Fyzbo, if you look at the HTML source, it looks clean BUT if you scroll PAST the closing HTML tag, you will see some questionable looking JavaScript code. I believe his site has probably been hijacked. I will not post the JavaScript here since I don't trust it.

pranabgohain, check with your hosting provider to see if any IPs have been logged uploading files to your site other than IPs of computers authorized to do so.

Good luck!

Peace...


----------



## Fyzbo (Feb 6, 2002)

Good catch, I completely missed it. Thanks for correcting me.


----------



## tomdkat (May 6, 2006)

I almost missed it as well but I was "bothered" by the fact there was apparently empty space after the closing HTML tag. I don't know how that JavaScript would be invoked but then again, I'm not the hacker. 

Peace...


----------



## pranabgohain (Jun 12, 2007)

Hi Fyzbo & Tomdkat,

Thanks a ton for your advice.

I will check up with the hosting co. immediately if there are records of any IPs that may have been uploading codes etc...

Tomdkat, in the meanwhile, is the code you're talking about by any chance the Google Analytics or Statcounter.com code we have inserted for tracking traffic? I shall get it checked with our designer too.

Thanks again (please keep this open till I get back to you in a day or 2 with the required information).

Pranab.


----------



## tomdkat (May 6, 2006)

pranabgohain said:


> Tomdkat, in the meanwhile, is the code you're talking about by any chance the Google Analytics or Statcounter.com code we have inserted for tracking traffic? I shall get it checked with our designer too.


I don't think so because: 
The JavaScript code is OUTSIDE of the HTML block, which means someone is trying to "hide" it.
The JavaScript code is basically "machine readable" garbage, which means it's obsfucated enough to prevent humans from making sense of it yet the browser can understand it just fine. This is another attempt to "hide" what it's actually doing.
 If possible, send your web designer a link to this thread. 

Peace...


----------



## pranabgohain (Jun 12, 2007)

Wow!

I am amazed how you all in the forums can do what even Techies in big corporates cant.

Give me a day's time. I shall meet the designer and show him all the posts 

Cheers!

Pranab.


----------



## tomdkat (May 6, 2006)

Well, you've got many more eyes, minds, perspectives, and experiences potentially looking at your problem. 

Good luck!

Peace...


----------



## pranabgohain (Jun 12, 2007)

Hey,

I showed the posts to our designer. There was indeed a weird code.

We have removed it, and it seems to be working just fine now.

While I check how the code got there, THANKS A ZILLION TIMES! You guys here simply rock.

Keep up the great work.

Cheers!

Pranab.


----------



## Sequal7 (Apr 15, 2001)

Most likely a cross site scripting attack on your server. Tighten up the permission on the root folder of your server (remove write access to folder).
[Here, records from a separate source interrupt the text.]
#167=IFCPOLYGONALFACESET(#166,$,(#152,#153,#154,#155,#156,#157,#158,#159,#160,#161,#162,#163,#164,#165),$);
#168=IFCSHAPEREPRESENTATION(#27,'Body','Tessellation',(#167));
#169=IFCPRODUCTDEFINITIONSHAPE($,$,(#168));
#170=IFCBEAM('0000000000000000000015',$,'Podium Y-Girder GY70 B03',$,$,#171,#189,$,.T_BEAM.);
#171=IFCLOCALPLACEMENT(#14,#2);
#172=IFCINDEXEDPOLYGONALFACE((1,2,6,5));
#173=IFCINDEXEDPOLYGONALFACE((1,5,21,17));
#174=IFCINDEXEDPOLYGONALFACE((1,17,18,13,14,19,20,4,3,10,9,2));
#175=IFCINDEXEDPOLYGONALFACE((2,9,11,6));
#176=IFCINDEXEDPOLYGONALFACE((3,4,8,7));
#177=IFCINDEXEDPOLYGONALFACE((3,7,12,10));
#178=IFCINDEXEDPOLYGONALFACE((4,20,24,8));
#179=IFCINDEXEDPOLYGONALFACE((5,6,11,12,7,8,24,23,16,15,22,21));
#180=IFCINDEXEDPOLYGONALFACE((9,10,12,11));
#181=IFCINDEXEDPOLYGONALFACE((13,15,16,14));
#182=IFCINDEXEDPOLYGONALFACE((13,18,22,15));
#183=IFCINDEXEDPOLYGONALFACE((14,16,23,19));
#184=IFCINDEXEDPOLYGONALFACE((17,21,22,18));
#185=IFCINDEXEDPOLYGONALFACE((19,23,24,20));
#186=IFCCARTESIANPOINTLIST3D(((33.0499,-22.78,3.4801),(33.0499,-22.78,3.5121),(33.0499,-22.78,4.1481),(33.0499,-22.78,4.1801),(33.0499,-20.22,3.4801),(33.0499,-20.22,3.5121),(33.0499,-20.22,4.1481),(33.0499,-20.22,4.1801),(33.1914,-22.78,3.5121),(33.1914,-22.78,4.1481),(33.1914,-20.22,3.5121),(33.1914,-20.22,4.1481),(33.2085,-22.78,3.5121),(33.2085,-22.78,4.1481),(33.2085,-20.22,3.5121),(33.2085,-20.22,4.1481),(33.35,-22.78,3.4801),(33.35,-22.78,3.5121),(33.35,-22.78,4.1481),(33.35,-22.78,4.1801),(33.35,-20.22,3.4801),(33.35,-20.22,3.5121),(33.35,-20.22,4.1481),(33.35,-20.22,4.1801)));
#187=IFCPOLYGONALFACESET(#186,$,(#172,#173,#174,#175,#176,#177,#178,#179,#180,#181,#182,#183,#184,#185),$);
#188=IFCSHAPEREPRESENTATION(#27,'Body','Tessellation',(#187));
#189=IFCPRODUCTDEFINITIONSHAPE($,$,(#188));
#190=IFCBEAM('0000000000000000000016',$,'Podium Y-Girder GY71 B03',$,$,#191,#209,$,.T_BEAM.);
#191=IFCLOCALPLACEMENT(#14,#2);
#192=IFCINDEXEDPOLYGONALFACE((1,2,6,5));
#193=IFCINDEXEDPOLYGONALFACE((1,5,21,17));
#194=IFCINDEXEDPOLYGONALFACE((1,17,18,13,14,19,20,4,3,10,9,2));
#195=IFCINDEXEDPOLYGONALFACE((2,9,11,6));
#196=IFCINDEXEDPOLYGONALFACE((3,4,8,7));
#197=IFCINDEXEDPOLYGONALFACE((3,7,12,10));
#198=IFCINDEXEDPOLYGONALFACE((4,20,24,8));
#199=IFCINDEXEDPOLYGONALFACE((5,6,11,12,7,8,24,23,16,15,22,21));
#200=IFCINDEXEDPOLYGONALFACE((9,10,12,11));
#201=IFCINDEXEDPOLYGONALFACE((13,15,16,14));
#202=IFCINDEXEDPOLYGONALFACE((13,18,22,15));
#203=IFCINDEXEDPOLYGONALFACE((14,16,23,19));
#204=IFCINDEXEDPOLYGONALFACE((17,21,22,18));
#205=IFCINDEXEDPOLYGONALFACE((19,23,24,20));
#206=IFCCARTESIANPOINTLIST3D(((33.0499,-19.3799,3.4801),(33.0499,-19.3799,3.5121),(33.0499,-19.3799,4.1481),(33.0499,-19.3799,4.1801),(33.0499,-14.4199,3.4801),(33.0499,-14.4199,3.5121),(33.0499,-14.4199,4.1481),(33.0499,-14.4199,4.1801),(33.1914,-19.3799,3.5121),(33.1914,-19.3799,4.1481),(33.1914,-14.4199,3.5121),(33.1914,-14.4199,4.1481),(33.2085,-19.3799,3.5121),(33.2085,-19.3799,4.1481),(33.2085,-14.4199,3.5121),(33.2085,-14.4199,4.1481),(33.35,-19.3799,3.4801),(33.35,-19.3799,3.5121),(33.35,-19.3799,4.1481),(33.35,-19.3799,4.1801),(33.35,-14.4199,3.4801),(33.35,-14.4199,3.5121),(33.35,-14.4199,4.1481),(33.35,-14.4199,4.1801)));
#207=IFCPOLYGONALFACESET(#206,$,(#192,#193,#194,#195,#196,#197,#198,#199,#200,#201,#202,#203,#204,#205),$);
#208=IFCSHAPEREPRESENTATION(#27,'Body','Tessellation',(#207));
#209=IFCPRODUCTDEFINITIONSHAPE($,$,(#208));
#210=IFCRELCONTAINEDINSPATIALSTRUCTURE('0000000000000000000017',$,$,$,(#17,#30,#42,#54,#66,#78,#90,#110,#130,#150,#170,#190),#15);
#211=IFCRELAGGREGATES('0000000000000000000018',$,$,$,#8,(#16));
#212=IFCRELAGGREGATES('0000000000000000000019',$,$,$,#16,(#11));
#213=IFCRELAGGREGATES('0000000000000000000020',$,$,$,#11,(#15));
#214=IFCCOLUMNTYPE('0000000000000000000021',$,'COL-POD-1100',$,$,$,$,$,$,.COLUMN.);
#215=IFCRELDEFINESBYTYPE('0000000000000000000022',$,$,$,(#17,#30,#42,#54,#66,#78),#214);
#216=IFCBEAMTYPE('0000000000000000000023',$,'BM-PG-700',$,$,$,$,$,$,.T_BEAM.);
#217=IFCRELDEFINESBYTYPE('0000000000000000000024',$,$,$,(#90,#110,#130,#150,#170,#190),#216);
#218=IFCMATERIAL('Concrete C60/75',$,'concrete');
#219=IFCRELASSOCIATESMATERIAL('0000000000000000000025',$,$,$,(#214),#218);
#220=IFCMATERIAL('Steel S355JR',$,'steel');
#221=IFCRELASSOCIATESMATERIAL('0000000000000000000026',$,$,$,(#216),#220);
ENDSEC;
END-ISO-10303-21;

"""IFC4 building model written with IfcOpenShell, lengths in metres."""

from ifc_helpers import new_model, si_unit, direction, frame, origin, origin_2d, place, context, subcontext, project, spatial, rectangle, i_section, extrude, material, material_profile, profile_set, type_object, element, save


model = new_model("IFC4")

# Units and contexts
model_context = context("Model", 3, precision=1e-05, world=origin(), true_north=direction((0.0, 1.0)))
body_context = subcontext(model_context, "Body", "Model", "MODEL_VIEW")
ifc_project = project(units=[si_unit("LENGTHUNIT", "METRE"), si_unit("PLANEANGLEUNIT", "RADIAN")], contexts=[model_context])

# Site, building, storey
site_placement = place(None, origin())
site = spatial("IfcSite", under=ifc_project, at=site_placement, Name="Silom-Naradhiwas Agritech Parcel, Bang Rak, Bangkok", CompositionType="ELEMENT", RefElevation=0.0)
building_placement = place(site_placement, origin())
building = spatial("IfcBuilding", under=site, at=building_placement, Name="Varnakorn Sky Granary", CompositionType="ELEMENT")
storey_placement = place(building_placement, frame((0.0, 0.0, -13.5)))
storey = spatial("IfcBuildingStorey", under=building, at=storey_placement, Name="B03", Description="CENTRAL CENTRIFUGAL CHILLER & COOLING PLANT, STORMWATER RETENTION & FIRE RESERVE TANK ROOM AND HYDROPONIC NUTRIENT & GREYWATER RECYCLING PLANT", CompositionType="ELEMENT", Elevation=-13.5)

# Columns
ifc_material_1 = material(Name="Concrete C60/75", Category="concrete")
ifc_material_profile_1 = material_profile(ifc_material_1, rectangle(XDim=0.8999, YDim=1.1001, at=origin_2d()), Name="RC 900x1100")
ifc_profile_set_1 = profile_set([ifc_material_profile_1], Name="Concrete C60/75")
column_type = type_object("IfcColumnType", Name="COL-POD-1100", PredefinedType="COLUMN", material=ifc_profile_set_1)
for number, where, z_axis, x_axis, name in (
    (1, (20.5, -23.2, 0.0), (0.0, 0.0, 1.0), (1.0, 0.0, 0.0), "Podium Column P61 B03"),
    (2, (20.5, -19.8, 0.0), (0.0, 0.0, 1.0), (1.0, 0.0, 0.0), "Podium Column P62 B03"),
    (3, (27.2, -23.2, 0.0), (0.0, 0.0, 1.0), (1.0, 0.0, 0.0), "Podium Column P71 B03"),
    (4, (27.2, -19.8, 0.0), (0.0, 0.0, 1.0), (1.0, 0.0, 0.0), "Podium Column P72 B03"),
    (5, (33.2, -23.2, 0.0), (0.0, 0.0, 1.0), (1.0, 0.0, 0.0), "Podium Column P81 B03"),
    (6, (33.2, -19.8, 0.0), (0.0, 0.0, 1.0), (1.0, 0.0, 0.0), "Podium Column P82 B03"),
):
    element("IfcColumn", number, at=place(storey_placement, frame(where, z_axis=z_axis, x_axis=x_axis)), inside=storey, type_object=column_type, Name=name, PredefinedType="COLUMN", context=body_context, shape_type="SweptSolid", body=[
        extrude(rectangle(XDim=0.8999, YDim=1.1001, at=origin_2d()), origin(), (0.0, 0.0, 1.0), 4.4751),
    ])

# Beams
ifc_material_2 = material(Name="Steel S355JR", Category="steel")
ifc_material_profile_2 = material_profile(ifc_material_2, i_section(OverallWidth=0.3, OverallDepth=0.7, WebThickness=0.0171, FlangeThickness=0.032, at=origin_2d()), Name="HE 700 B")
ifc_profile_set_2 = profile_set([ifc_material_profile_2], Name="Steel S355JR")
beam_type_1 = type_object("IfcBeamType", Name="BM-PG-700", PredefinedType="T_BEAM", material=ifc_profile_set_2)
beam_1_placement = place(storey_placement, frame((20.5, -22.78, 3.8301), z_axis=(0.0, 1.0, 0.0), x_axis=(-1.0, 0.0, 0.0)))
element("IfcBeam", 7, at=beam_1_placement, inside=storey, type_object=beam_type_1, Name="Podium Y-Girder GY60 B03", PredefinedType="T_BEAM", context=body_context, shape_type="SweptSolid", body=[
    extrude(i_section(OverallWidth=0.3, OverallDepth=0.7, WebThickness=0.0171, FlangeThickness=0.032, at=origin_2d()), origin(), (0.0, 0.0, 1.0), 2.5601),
http://www.cert.org/advisories/CA-2000-02.html


----------



## pranabgohain (Jun 12, 2007)

Thanks mate. This is greek to me, but will definitely be handy for our Designer & Hosting Company.



Cheers!

Pranab.


----------



## tomdkat (May 6, 2006)

Sequal7 said:


> Most likely a cross site scripting attack on your server. Tighten up the permission on the root folder of your server (remove write access to folder).
> 
> http://www.cert.org/advisories/CA-2000-02.html


Yep, I agree with this. Since this has happened once already, I monitor the site and server for a repeat attack closely. I would "lock down" the site, as described above, and keep a close eye on things.

Peace...


----------



## pranabgohain (Jun 12, 2007)

Tomdkat,

When you say 'monitor the site', I assume you are referring to your site techguy.org? And that you recommend we do the same?

Cheers!


----------



## tomdkat (May 6, 2006)

No, I mean monitor YOUR site more closely. Since your site was attacked once already, you should keep a close eye on it in the event they try to attack it again. 

Peace...


----------



## pranabgohain (Jun 12, 2007)

Gotcha!

THANKS once again!

Cheers!


----------



## ~Candy~ (Jan 27, 2001)

You can mark the thread solved using the THREAD TOOLS drop down menu.


----------



## MMJ (Oct 15, 2006)

Joe Hewitt, the creator of firebug, has a similar JavaScript injection/hack on his site. A bit ironic.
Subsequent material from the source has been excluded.